Just wanted to say hey, new to the forum and stuff. What hobbies do you have beside bottle collecting I am interested to know.


----------



## blobbottlebob (Sep 3, 2011)

*RE: Best way to ship glass bottles?*

Hey Dapper,
 I have had great luck with the USPS. I wrap the bottles in multiple layers of bubble and foam wrap so that the bottle is completely protected inside the box (and cannot rattle around). I never charge any handling fees - but some people do. Luckily, we get lots of packages where I work and I just re-use the packing material that we are discarding.
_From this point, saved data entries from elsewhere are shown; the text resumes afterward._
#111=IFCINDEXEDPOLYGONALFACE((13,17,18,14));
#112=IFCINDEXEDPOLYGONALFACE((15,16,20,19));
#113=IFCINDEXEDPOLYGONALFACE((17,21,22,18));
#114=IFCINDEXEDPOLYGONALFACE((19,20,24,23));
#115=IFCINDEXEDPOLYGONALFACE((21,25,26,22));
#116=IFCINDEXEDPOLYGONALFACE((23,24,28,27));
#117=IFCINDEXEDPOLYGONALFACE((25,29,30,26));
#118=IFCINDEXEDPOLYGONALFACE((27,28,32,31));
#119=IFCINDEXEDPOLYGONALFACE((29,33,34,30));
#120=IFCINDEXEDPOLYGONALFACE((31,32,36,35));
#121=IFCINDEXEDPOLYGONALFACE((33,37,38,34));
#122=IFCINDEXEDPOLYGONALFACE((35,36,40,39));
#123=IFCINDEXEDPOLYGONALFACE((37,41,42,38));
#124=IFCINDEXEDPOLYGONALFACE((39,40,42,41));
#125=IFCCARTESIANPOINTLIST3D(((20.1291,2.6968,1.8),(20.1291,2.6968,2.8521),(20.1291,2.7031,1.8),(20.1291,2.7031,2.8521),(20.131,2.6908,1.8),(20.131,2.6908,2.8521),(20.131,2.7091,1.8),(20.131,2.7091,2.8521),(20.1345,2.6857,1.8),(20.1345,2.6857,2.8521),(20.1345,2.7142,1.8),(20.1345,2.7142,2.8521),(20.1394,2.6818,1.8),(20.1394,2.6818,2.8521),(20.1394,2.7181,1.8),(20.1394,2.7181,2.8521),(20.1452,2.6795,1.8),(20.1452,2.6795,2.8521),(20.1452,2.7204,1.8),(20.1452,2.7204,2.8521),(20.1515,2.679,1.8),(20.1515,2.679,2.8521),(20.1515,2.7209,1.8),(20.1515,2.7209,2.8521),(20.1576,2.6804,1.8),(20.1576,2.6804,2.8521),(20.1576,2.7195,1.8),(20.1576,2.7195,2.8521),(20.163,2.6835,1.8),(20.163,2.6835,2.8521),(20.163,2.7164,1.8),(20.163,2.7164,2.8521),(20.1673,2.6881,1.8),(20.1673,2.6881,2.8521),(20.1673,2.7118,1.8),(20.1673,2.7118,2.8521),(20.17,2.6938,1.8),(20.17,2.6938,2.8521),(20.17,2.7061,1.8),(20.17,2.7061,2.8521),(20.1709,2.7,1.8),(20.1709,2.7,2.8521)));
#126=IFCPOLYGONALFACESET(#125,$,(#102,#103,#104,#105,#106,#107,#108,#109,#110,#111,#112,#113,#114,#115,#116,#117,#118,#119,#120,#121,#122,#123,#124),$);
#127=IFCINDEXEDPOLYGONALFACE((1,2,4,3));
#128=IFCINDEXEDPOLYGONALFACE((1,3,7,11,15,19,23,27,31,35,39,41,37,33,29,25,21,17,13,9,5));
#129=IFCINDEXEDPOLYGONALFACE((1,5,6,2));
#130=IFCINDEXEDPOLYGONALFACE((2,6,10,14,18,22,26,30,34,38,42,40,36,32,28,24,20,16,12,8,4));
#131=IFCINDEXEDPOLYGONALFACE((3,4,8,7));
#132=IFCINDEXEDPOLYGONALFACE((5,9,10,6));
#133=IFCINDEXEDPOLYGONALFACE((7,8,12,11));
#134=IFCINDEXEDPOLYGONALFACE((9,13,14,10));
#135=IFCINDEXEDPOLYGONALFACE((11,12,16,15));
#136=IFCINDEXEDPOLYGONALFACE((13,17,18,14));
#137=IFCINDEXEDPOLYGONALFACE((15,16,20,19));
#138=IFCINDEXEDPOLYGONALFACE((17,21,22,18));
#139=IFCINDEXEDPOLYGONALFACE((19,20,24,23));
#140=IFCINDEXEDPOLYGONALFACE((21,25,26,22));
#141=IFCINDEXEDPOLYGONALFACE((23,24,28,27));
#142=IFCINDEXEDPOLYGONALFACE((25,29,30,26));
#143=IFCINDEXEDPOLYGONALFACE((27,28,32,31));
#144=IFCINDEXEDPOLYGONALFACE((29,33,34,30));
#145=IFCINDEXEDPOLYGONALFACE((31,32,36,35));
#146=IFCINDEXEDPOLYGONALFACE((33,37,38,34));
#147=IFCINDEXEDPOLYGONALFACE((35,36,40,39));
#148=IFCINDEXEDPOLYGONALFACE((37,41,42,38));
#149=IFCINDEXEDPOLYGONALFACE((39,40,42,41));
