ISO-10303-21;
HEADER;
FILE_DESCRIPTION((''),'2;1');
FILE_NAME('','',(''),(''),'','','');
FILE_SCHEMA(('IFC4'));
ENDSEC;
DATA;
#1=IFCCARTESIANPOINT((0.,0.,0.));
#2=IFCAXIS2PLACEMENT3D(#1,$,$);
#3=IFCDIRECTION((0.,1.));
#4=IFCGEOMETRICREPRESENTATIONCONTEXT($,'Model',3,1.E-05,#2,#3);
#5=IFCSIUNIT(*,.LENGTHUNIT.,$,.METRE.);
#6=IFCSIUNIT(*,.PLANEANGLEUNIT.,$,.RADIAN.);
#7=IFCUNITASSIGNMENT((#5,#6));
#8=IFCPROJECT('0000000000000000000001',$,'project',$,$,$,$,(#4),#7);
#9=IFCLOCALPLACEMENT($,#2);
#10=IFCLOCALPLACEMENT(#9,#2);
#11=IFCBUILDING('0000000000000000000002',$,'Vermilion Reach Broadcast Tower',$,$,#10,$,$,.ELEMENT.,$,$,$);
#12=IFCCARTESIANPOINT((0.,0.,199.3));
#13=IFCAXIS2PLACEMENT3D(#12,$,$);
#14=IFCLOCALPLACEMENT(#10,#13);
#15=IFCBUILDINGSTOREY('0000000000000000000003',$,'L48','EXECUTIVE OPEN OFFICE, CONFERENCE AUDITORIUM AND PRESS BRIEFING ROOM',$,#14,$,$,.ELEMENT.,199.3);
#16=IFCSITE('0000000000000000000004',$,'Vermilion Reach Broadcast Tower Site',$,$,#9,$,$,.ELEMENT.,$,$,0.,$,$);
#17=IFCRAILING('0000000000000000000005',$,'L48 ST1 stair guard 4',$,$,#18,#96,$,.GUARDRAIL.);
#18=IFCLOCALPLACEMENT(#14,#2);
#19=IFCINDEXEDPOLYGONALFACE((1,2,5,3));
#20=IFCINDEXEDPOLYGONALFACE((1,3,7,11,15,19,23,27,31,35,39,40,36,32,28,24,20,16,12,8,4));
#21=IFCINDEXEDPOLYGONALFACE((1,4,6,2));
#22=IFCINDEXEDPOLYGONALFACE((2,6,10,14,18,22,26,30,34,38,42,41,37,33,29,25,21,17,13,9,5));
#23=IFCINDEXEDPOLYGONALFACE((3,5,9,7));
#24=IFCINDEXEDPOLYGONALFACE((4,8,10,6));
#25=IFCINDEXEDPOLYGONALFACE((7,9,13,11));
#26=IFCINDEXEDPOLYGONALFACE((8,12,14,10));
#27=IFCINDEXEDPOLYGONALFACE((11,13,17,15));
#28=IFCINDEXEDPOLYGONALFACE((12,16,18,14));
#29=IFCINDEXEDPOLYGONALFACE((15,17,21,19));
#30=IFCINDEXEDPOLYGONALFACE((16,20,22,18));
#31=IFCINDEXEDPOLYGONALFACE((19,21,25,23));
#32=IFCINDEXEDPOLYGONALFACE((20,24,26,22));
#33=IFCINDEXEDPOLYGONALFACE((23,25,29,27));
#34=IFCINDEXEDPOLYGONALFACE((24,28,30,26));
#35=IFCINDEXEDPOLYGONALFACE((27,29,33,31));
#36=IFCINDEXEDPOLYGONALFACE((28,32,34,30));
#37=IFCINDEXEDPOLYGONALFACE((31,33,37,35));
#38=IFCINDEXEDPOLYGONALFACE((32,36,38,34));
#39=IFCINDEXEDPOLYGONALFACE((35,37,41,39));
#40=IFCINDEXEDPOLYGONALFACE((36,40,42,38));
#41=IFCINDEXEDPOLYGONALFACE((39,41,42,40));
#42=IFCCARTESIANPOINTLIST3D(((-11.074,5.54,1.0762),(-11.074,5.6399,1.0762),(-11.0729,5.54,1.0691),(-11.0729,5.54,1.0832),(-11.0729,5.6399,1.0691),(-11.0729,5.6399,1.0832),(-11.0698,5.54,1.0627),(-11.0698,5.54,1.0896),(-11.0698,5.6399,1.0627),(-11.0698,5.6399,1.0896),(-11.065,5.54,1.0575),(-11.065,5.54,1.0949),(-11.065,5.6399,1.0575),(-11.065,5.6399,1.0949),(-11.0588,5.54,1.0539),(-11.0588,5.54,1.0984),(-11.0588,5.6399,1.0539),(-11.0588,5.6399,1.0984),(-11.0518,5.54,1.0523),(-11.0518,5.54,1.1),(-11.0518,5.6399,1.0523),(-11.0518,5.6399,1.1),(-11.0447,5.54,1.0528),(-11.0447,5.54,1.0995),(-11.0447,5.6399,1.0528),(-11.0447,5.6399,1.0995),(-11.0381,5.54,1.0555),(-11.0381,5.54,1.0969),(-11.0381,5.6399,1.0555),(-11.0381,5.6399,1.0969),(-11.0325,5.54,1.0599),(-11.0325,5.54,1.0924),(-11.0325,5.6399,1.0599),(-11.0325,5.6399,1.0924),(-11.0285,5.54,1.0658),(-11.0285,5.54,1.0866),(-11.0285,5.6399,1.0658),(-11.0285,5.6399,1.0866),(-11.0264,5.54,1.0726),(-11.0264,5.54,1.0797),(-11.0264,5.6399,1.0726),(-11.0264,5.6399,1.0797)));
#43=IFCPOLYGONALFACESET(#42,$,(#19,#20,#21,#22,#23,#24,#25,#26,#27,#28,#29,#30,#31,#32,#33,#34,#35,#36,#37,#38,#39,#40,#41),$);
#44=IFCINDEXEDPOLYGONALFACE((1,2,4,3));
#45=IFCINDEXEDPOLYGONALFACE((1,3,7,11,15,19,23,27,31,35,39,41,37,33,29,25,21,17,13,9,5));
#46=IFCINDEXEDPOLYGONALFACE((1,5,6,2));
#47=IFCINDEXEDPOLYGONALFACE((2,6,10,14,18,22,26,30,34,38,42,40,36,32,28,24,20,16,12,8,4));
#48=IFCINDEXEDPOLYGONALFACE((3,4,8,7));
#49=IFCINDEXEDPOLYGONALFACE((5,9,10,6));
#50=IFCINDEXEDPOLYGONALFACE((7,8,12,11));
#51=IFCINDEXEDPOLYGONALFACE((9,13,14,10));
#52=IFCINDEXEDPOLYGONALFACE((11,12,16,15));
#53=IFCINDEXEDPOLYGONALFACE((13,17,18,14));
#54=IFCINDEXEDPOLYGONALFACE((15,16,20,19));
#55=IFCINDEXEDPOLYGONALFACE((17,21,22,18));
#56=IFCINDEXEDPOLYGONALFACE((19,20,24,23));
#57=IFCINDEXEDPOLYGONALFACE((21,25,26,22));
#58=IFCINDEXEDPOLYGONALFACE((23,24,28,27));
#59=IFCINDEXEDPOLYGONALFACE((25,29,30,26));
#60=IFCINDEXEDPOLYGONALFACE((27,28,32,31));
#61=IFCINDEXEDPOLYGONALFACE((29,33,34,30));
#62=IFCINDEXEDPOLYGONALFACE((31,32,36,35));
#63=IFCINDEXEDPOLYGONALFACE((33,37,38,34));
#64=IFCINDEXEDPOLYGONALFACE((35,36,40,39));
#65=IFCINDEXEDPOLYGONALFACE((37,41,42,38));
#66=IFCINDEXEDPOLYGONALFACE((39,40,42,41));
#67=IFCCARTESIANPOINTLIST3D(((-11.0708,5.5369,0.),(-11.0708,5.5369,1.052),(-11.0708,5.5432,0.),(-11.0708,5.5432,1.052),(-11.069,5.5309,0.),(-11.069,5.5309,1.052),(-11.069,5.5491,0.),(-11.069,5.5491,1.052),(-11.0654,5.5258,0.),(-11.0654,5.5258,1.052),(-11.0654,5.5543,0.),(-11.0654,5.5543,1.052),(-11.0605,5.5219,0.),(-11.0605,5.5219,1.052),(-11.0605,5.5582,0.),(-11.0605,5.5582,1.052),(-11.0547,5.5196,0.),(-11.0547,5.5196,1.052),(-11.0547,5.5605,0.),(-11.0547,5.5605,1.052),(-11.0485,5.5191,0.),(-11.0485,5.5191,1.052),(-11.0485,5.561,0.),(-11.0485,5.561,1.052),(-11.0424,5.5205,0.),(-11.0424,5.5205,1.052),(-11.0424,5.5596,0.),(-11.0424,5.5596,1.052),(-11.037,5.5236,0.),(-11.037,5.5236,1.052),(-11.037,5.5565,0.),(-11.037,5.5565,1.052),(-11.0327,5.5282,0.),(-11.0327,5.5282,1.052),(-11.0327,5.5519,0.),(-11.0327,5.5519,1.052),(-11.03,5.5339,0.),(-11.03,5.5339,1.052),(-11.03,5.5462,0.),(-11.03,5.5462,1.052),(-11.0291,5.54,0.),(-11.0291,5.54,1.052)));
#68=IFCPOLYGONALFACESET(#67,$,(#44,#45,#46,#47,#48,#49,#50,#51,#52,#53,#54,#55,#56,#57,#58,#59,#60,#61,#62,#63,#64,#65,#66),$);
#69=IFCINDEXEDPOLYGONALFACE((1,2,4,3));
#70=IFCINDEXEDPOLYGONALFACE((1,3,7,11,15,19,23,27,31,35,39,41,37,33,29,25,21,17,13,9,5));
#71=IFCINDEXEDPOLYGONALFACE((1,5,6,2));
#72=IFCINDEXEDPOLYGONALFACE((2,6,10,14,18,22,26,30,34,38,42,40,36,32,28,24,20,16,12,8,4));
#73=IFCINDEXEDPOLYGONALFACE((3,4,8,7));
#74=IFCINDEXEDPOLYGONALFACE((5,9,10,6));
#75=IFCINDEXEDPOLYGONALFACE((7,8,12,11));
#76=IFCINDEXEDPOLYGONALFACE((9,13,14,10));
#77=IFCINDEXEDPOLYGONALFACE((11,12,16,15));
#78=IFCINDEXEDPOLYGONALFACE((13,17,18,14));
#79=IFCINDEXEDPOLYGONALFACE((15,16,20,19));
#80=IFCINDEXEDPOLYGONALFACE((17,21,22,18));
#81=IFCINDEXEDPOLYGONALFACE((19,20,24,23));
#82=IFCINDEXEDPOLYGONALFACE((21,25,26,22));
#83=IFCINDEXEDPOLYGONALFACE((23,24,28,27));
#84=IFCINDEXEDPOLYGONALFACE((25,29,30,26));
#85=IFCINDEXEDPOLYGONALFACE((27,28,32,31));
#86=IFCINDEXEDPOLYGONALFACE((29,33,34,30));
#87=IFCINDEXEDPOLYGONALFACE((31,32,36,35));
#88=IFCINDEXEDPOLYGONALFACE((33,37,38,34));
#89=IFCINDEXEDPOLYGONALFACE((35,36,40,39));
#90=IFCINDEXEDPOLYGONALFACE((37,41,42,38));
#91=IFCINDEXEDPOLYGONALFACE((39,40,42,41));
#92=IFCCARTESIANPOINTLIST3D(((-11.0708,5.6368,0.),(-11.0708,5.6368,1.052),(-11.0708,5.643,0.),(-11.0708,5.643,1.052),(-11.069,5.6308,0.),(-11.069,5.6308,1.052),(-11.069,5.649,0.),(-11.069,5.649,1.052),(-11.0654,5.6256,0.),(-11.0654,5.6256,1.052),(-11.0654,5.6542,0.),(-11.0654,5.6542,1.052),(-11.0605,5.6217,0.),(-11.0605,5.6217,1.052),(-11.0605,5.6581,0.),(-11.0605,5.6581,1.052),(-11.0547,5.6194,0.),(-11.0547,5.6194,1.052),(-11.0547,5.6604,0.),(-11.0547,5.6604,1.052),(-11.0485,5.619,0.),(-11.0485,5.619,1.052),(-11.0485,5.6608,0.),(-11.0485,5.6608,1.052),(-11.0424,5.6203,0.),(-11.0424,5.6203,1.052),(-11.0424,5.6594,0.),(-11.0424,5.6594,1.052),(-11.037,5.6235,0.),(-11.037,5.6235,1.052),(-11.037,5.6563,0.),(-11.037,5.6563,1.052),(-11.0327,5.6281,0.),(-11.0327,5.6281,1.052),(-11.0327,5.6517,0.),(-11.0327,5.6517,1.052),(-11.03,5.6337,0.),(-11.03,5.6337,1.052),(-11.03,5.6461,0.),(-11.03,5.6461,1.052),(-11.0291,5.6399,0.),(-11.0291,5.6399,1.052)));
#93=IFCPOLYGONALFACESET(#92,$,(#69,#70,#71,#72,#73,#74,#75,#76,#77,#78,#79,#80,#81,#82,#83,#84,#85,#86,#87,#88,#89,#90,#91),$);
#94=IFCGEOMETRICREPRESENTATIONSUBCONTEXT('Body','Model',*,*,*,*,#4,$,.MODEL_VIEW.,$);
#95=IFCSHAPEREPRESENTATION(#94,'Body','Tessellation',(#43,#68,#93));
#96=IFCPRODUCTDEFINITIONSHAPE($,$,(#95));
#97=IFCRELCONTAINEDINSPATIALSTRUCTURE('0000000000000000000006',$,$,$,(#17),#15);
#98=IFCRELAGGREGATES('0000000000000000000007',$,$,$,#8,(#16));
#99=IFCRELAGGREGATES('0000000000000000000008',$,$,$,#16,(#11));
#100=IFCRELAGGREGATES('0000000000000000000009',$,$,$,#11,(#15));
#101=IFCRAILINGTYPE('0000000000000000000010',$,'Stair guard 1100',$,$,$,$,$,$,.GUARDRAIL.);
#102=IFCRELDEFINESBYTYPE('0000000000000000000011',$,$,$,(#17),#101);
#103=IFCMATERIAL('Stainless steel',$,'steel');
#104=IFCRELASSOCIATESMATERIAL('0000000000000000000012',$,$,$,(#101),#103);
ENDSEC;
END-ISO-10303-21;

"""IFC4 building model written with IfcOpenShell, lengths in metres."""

from ifc_helpers import new_model, si_unit, direction, frame, origin, origin_2d, place, context, subcontext, project, spatial, circle, extrude, material, type_object, element, save


model = new_model("IFC4")

# Units and contexts
model_context = context("Model", 3, precision=1e-05, world=origin(), true_north=direction((0.0, 1.0)))
body_context = subcontext(model_context, "Body", "Model", "MODEL_VIEW")
ifc_project = project(units=[si_unit("LENGTHUNIT", "METRE"), si_unit("PLANEANGLEUNIT", "RADIAN")], contexts=[model_context])

# Site, building, storey
site_placement = place(None, origin())
site = spatial("IfcSite", under=ifc_project, at=site_placement, Name="Vermilion Reach Broadcast Tower Site", CompositionType="ELEMENT", RefElevation=0.0)
building_placement = place(site_placement, origin())
building = spatial("IfcBuilding", under=site, at=building_placement, Name="Vermilion Reach Broadcast Tower", CompositionType="ELEMENT")
storey_placement = place(building_placement, frame((0.0, 0.0, 199.3)))
storey = spatial("IfcBuildingStorey", under=building, at=storey_placement, Name="L48", Description="EXECUTIVE OPEN OFFICE, CONFERENCE AUDITORIUM AND PRESS BRIEFING ROOM", CompositionType="ELEMENT", Elevation=199.3)

# Railing
ifc_material_1 = material(Name="Stainless steel", Category="steel")
railing_type_1 = type_object("IfcRailingType", Name="Stair guard 1100", PredefinedType="GUARDRAIL", material=ifc_material_1)
railing_1_placement = place(storey_placement, frame((-11.05, 5.54, 0.0)))
element("IfcRailing", 1, at=railing_1_placement, inside=storey, type_object=railing_type_1, Name="L48 ST1 stair guard 4", PredefinedType="GUARDRAIL", context=body_context, shape_type="SweptSolid", body=[
    extrude(circle(Radius=0.0239, at=origin_2d()), frame((0.0, 0.0, 1.0762), z_axis=(0.0, 1.0, 0.0), x_axis=(-1.0, 0.0, 0.0)), (0.0, 0.0, 1.0), 0.0999),
    extrude(circle(Radius=0.021, at=origin_2d()), origin(), (0.0, 0.0, 1.0), 1.052),
    extrude(circle(Radius=0.021, at=origin_2d()), frame((0.0, 0.0999, 0.0)), (0.0, 0.0, 1.0), 1.052),
])

save(model, "model.ifc")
Best of luck . . .


----------



## LtlBtl (Sep 3, 2011)

*RE: Best way to ship glass bottles?*

Depending on your volume of selling, sourcing boxes can be as easy buying alot, going to local retail stores and asking for their stuff that is heading to recycling bin. Once in a while, its ok to do. Bring them cookies or something if if you do it once a week. if you are a PITA and are hounding,  then go buy them. 
  I find most of the Ebay boxes to not work very well. The Med flat rate is a nice size but is often an overcharge to what calculated shipping would be.
 Anything under 13oz w/packaging can go 1st class. Anything over 1lb, I use calculated. 
 As far a wrapping, depends on what kind of bottle. I will use 3/16ths bubble wrap, a layer of newpaper over that. A unrolled paper towel tube will be wrapped around that and then usually 3/8 bubble wrap lining box. use paper to fill in gaps. Watch contact points if any and buffer those.
 i utulize a lot of grocery packaging- frozen pizza boxes are great for layering in large flat rate. Tea boxes are good for little meds. 
 Box inside box is a method reserved for more delicate items.
 Proper boxes are super important to me. if I am going sell quart milks then i know I need 12 X 8 X 6, which will also fit most 12oz sodas in 2s well. Singles, I like 10 x 6 X 6. Proper boxes equal less packing materials + safer shipping. 
 Spend an extra few minutes when you package-it is better than refunding due to cutting corners.
 I started shipping(live tropical fish!) 20 years ago. Bottles are much easier.


----------



## Wheelah23 (Sep 3, 2011)

*RE: Best way to ship glass bottles?*

Ah... The ol' bait and switch []

 I ship bottles through USPS... First Class mail for small bottles, which costs $2.70 or something, and Priority Mail for larger bottles, which I think costs $5.50 or so.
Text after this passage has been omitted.